Why does select raise a FutureWarning?

194 Views Asked by At

In my code I have a 2D numpy.ndarray filled with numpy.str_ values. I'm trying to change values "null" to "nan" using the select method. The problem is that this method raises a FutureWarning.

I have read this. On a suggestion there I tried to not compare Python strings a Numpy strings, but convert Python string to Numpy string at the start. Obviously that doesn't help and I'm looking for an advice.

I would like to avoid shutting down the warning (as it is in the link). It seems to me like a very dirty approach.

My code snippet:

import pandas_datareader as pd
import numpy as np
import datetime as dt


start_date = dt.datetime(year=2013, month=1, day=1)
end_date = dt.datetime(year=2013, month=2, day=1)
df = pd.DataReader("AAA", "yahoo", start_date, end_date + dt.timedelta(days=1))
array = df.to_numpy()

null = np.str_("null")
nan = np.str_("nan")
array = np.select([array == null, not array == null], [nan, array])
print(array[0][0].__class__)
print(null.__class__)
C\Python\Project.py:13: FutureWarning: elementwise comparison failed; returning scalar instead, but in the future will perform elementwise comparison
  array = np.select([array == null, not array == null], [nan, array])
<class 'numpy.str_'>
<class 'numpy.str_'>

I'm quite new to Python so every help will be appreciated. And also - if you have a better way how to achieve that, please let me know.

Thank you!

Edit: Sorry for that. Now it should work as it is.

1

There are 1 best solutions below

0
On

I don't have 50 reputation yet, so I can't comment..

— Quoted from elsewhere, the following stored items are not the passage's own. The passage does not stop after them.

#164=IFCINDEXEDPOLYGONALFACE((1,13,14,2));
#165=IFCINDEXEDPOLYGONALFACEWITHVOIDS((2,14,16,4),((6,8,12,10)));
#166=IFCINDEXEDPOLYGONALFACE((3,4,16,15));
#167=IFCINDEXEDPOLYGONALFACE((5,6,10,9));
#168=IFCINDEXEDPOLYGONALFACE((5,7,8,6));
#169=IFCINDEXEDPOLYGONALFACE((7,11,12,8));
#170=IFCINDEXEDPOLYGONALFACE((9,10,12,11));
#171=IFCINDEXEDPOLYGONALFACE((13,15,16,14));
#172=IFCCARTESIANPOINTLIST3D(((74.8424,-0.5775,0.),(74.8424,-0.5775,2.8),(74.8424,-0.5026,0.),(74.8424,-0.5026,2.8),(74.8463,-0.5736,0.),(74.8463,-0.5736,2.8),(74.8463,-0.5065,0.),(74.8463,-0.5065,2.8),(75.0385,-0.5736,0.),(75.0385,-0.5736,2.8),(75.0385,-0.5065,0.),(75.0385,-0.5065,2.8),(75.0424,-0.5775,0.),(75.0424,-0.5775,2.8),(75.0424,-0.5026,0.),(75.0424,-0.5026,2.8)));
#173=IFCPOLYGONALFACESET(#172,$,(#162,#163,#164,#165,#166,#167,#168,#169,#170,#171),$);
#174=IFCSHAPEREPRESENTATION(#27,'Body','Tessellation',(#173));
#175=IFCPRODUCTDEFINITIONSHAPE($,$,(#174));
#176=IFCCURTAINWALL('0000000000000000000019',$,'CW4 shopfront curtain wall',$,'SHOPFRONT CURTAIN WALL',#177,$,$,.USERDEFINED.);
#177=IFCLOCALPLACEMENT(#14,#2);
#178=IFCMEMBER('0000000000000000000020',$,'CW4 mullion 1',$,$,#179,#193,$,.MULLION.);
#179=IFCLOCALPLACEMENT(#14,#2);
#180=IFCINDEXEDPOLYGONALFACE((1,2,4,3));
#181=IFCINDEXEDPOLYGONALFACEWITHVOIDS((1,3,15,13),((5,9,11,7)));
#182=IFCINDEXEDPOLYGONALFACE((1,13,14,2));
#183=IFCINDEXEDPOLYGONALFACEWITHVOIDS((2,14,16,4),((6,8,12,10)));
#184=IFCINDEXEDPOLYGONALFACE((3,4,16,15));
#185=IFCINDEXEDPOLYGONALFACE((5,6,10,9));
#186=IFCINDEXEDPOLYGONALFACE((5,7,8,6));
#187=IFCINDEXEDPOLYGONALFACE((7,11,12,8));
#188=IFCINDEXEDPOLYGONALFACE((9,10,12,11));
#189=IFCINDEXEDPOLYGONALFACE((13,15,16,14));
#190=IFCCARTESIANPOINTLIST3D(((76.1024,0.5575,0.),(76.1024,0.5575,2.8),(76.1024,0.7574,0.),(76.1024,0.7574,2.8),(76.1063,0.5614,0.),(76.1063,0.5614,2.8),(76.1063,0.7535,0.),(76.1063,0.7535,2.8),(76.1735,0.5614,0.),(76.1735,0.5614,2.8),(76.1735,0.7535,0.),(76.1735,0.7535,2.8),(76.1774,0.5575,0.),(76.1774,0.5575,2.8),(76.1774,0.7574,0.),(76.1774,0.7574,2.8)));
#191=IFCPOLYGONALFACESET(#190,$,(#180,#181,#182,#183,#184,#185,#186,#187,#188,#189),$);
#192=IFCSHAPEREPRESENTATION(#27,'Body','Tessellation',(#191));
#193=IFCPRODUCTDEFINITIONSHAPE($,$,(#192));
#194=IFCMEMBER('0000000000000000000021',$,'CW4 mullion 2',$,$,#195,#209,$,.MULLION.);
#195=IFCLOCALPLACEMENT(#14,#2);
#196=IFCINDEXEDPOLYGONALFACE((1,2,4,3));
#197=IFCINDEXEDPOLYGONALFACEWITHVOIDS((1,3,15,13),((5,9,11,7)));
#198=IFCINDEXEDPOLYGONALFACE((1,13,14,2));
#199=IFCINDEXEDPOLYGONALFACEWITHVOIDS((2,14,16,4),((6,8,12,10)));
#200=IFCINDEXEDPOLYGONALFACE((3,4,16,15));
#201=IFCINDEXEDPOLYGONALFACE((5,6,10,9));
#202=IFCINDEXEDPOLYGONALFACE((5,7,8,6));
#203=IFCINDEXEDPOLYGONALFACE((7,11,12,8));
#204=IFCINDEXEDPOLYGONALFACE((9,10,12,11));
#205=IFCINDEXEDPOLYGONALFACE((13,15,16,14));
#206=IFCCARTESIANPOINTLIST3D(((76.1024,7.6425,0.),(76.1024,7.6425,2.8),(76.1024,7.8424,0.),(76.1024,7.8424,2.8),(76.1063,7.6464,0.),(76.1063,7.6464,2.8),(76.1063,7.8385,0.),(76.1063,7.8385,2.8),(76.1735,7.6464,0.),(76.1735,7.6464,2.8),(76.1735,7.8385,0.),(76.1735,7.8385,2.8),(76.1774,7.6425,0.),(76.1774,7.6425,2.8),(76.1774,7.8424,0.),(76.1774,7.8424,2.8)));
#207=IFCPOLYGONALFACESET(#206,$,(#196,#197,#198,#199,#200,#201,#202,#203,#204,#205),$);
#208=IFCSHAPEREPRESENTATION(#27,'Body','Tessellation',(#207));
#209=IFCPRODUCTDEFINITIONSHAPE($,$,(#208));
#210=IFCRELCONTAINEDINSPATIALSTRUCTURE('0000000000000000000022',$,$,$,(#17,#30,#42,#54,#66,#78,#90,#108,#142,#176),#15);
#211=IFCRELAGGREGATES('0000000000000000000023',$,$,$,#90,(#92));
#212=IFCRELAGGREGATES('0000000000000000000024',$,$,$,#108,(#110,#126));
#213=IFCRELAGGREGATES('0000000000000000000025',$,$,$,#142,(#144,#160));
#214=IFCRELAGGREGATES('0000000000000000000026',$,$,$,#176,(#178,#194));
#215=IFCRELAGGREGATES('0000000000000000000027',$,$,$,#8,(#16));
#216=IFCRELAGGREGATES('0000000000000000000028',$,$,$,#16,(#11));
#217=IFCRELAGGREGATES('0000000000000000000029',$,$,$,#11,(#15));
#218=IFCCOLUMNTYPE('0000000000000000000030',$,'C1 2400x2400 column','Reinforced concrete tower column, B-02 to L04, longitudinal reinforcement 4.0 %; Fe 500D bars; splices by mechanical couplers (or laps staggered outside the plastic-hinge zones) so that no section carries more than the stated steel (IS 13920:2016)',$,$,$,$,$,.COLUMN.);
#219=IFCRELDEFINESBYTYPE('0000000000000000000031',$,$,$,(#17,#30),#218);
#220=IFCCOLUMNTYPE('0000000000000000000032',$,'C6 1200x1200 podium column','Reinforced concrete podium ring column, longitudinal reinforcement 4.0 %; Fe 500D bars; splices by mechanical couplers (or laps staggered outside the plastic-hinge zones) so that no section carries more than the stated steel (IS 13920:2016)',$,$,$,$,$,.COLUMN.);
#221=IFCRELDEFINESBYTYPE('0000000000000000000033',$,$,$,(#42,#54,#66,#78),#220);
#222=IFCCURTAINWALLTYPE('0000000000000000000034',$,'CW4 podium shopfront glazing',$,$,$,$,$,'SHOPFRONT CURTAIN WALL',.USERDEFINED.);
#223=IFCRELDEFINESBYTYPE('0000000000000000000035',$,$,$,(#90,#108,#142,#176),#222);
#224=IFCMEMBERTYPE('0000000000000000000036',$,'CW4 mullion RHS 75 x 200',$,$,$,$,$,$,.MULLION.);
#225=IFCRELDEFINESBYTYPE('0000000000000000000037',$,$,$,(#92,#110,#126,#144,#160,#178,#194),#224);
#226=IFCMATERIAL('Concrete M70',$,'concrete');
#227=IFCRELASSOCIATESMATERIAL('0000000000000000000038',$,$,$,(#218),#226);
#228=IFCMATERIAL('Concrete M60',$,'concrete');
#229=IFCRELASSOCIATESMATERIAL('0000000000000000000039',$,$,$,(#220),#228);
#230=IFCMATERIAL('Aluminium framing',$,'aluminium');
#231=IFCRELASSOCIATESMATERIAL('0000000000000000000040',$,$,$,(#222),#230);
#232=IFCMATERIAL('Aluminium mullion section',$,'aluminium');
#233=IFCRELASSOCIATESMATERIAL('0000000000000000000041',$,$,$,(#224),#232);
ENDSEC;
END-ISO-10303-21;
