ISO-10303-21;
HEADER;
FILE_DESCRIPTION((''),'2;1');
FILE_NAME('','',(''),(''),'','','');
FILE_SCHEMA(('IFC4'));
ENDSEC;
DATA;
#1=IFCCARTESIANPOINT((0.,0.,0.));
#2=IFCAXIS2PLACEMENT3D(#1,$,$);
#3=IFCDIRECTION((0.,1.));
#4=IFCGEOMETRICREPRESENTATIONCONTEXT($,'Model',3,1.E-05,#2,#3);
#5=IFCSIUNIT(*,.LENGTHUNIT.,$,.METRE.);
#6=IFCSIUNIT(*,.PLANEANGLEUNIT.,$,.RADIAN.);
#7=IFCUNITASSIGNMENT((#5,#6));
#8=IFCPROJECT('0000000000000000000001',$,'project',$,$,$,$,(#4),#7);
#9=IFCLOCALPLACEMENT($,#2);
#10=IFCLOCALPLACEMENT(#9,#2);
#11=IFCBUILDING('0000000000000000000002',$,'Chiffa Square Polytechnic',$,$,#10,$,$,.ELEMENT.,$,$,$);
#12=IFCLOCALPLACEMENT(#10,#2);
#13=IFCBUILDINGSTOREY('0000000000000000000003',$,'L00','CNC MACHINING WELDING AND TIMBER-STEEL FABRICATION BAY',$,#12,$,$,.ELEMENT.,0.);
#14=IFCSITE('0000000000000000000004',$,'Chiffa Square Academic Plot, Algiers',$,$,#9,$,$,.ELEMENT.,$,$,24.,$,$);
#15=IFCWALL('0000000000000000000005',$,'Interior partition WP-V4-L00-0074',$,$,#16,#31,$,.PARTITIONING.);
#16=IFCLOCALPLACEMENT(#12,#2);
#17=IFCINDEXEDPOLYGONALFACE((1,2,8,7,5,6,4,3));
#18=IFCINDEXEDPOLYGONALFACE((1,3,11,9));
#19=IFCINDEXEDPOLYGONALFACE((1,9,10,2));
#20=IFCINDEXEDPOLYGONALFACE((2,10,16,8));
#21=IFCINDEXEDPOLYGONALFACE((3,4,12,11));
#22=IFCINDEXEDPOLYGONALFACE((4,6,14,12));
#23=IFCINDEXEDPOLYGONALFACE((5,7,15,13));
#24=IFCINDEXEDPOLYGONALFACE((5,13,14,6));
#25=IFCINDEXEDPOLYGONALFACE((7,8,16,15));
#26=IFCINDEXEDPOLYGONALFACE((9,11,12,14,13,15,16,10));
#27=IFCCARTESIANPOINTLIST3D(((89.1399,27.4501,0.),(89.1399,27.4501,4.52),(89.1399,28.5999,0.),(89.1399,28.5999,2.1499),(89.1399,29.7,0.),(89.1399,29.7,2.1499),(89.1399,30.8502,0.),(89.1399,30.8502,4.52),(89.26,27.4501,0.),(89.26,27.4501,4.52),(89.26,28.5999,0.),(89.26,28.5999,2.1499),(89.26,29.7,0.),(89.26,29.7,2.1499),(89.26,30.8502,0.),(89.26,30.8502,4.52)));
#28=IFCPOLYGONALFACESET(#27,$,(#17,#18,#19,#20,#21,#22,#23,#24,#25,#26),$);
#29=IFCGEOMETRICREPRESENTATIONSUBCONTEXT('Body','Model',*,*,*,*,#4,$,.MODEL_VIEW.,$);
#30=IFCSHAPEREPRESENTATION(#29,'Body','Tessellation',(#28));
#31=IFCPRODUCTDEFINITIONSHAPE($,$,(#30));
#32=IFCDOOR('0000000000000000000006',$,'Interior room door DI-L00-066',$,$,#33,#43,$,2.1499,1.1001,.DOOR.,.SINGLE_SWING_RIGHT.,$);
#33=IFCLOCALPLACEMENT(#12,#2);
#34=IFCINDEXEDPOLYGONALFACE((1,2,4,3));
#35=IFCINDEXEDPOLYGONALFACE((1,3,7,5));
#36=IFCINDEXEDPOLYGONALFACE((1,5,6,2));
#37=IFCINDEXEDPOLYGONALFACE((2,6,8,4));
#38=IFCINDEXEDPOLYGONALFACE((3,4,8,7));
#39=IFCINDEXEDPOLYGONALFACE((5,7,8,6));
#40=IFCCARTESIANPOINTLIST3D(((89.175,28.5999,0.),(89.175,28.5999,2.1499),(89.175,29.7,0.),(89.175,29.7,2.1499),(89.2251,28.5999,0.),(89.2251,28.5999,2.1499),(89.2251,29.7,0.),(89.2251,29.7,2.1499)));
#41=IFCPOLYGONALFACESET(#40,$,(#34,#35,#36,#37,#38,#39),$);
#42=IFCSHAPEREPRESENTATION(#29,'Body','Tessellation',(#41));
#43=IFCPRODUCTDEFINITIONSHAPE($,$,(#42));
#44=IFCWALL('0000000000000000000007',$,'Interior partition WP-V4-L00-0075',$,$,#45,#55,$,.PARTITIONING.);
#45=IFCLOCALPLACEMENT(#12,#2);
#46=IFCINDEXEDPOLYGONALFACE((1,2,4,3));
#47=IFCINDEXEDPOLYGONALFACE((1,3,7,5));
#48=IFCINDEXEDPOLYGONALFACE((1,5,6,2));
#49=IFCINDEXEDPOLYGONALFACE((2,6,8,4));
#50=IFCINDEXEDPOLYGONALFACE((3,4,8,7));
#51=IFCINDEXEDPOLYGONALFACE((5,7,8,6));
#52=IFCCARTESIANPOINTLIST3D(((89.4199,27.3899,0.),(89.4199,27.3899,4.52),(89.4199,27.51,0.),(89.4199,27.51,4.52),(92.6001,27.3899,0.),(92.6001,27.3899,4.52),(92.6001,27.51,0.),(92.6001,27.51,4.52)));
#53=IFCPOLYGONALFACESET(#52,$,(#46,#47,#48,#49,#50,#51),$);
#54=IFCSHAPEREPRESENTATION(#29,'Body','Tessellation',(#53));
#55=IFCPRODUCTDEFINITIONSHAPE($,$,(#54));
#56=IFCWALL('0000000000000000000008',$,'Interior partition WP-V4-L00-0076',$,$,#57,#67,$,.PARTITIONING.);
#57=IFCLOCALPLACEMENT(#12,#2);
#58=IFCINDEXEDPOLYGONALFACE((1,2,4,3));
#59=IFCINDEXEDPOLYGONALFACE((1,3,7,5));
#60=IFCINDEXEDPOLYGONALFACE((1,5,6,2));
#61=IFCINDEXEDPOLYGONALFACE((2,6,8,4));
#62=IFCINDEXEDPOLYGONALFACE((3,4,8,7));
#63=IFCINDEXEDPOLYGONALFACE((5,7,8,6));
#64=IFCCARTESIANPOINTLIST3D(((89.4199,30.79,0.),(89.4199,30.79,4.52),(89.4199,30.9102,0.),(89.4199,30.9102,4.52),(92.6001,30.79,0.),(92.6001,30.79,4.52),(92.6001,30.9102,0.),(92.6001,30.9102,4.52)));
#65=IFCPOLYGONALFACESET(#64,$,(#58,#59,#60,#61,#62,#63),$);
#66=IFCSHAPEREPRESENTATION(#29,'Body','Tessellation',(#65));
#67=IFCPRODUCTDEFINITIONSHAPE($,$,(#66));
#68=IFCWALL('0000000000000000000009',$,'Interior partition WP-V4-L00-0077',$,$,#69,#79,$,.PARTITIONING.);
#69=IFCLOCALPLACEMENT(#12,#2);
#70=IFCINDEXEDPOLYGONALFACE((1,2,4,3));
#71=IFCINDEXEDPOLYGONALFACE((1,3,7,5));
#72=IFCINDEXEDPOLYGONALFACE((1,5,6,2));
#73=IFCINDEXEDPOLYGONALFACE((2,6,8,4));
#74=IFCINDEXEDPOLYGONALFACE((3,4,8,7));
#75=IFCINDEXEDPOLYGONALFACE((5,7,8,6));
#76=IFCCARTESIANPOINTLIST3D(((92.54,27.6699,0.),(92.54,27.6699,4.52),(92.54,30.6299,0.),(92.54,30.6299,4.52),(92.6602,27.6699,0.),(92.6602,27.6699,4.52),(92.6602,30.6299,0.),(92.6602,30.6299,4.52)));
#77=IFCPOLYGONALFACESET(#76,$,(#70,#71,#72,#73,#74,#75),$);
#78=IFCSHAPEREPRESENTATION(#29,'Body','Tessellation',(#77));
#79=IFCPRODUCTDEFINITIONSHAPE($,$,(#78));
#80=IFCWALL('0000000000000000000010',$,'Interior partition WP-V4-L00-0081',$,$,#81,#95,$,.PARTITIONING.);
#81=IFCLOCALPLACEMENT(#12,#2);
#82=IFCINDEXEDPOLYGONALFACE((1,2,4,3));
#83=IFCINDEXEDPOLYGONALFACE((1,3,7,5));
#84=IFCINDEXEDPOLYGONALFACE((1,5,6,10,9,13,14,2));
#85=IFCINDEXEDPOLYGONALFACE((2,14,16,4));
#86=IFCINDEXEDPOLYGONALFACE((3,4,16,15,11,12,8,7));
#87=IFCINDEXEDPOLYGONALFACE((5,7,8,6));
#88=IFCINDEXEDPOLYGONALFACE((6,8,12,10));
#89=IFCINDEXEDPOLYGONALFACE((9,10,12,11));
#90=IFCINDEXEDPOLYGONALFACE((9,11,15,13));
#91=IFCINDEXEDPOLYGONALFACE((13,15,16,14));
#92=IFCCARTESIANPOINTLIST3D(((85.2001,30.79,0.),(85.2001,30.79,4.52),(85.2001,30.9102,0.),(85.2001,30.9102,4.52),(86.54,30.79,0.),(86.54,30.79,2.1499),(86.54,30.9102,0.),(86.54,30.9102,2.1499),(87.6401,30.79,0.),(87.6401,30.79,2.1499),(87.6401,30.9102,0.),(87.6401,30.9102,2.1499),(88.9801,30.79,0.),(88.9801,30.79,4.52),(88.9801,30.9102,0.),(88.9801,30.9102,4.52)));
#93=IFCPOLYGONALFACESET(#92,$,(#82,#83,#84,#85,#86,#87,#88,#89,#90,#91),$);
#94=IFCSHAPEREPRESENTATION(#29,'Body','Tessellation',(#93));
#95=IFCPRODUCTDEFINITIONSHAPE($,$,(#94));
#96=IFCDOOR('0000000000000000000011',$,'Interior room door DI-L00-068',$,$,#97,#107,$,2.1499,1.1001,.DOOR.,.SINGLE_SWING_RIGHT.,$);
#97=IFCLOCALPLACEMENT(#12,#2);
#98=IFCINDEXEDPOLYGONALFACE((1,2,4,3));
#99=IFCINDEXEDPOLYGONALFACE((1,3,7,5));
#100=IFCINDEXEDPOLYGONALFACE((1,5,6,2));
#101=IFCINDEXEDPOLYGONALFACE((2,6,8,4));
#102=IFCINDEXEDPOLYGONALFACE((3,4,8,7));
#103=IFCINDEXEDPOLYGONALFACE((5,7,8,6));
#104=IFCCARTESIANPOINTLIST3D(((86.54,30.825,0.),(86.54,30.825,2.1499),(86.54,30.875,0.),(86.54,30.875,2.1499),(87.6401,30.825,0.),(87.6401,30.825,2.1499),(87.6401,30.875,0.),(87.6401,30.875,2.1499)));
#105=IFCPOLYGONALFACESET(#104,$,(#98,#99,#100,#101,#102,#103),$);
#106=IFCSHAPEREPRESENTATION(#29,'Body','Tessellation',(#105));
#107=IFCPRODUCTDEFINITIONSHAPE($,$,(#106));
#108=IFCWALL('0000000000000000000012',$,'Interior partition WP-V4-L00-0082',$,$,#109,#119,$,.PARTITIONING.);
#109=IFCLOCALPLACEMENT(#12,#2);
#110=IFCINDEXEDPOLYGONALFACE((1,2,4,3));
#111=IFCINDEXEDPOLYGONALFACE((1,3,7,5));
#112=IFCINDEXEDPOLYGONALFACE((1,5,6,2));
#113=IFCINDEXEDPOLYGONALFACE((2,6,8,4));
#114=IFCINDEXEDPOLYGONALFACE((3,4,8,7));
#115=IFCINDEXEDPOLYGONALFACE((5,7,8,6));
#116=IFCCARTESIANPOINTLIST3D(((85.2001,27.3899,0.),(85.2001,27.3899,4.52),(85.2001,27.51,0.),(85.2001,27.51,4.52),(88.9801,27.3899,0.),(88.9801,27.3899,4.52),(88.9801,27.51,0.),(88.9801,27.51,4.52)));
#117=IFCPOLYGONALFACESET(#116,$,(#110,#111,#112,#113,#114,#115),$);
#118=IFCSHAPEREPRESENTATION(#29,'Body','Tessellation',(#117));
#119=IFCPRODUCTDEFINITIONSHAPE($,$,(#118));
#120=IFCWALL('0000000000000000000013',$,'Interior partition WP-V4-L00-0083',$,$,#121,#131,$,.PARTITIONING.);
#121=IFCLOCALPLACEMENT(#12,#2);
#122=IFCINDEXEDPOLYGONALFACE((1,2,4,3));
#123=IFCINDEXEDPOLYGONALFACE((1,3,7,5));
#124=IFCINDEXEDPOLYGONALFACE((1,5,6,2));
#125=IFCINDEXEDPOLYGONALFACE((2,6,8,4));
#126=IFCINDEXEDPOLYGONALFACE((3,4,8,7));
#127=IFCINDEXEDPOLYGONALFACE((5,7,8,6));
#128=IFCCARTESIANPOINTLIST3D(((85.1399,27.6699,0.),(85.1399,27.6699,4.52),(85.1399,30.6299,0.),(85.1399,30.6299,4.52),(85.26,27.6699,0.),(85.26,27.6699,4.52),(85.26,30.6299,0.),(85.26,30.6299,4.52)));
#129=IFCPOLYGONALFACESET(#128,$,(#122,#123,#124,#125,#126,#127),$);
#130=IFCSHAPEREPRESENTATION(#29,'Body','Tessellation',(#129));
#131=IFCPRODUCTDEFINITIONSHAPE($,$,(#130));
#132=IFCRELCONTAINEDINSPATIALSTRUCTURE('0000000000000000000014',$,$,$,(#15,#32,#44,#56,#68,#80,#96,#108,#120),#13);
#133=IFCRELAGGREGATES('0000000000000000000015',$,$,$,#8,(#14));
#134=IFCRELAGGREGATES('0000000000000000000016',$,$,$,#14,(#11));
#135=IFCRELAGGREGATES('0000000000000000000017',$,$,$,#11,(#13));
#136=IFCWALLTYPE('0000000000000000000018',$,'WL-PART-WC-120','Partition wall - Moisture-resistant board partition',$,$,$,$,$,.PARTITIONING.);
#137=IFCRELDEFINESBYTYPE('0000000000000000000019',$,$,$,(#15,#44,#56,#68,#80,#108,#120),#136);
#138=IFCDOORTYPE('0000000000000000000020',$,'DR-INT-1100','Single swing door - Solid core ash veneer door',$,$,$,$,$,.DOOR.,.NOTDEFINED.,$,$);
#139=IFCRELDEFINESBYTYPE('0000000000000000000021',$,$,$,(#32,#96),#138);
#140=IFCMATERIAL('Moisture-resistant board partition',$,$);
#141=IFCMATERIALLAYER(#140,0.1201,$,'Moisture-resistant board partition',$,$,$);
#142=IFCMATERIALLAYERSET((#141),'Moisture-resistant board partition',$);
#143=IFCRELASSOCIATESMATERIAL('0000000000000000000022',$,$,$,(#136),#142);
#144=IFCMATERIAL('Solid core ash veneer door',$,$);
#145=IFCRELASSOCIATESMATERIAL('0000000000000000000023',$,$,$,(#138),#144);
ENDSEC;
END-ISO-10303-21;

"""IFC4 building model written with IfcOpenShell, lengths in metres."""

from ifc_helpers import new_model, si_unit, direction, frame, frame_2d, origin, place, context, subcontext, project, spatial, rectangle, extrude, material, layer, layer_set, type_object, element, fill, save


model = new_model("IFC4")

# Units and contexts
model_context = context("Model", 3, precision=1e-05, world=origin(), true_north=direction((0.0, 1.0)))
body_context = subcontext(model_context, "Body", "Model", "MODEL_VIEW")
ifc_project = project(units=[si_unit("LENGTHUNIT", "METRE"), si_unit("PLANEANGLEUNIT", "RADIAN")], contexts=[model_context])

# Site, building, storey
site_placement = place(None, origin())
site = spatial("IfcSite", under=ifc_project, at=site_placement, Name="Chiffa Square Academic Plot, Algiers", CompositionType="ELEMENT", RefElevation=24.0)
building_placement = place(site_placement, origin())
building = spatial("IfcBuilding", under=site, at=building_placement, Name="Chiffa Square Polytechnic", CompositionType="ELEMENT")
storey_placement = place(building_placement, origin())
storey = spatial("IfcBuildingStorey", under=building, at=storey_placement, Name="L00", Description="CNC MACHINING WELDING AND TIMBER-STEEL FABRICATION BAY", CompositionType="ELEMENT", Elevation=0.0)

# Wall, opening, door
ifc_material_1 = material(Name="Moisture-resistant board partition")
ifc_layer_1 = layer(ifc_material_1, 0.1201, Name="Moisture-resistant board partition")
ifc_layer_set_1 = layer_set([ifc_layer_1], Name="Moisture-resistant board partition")
wall_type_1 = type_object("IfcWallType", Name="WL-PART-WC-120", Description="Partition wall - Moisture-resistant board partition", PredefinedType="PARTITIONING", material=ifc_layer_set_1)
wall_1_placement = place(storey_placement, frame((89.2, 27.45, 0.0), z_axis=(0.0, 0.0, 1.0), x_axis=(0.0, 1.0, 0.0)))
wall_1 = element("IfcWall", 1, at=wall_1_placement, inside=storey, type_object=wall_type_1, Name="Interior partition WP-V4-L00-0074", PredefinedType="PARTITIONING", context=body_context, shape_type="SweptSolid", body=[
    extrude(rectangle(XDim=3.4001, YDim=0.1201, at=frame_2d((1.7002, 0.0))), origin(), (0.0, 0.0, 1.0), 4.52),
])
opening_1_placement = place(wall_1_placement, frame((1.1499, 0.0, 0.0)))
opening_1 = element("IfcOpeningElement", 2, at=opening_1_placement, cuts=wall_1, PredefinedType="OPENING", context=body_context, shape_type="SweptSolid", body=[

As I understand it you only want to change al 'null'-entries to 'nan' instead?

Your code creates a Numpy Array of float-values, but for some reason you expect strings of 'null' in the array? Perhaps you should've written

array = df.to_numpy()
array = array.astype(str)

to make it more clear.

From here, the array consists only of strings, and to make the change from 'null' to 'nan', you only have to write

array[array == 'null'] = 'nan'

and the warning is gone. You don't even have to use np.select.

If you want floating-point values in your array, you could use Numpy's own np.nan instead of a string, and do

array = array.astype(float)

The nan-strings are automatically converted to np.nan, which is seen as a float.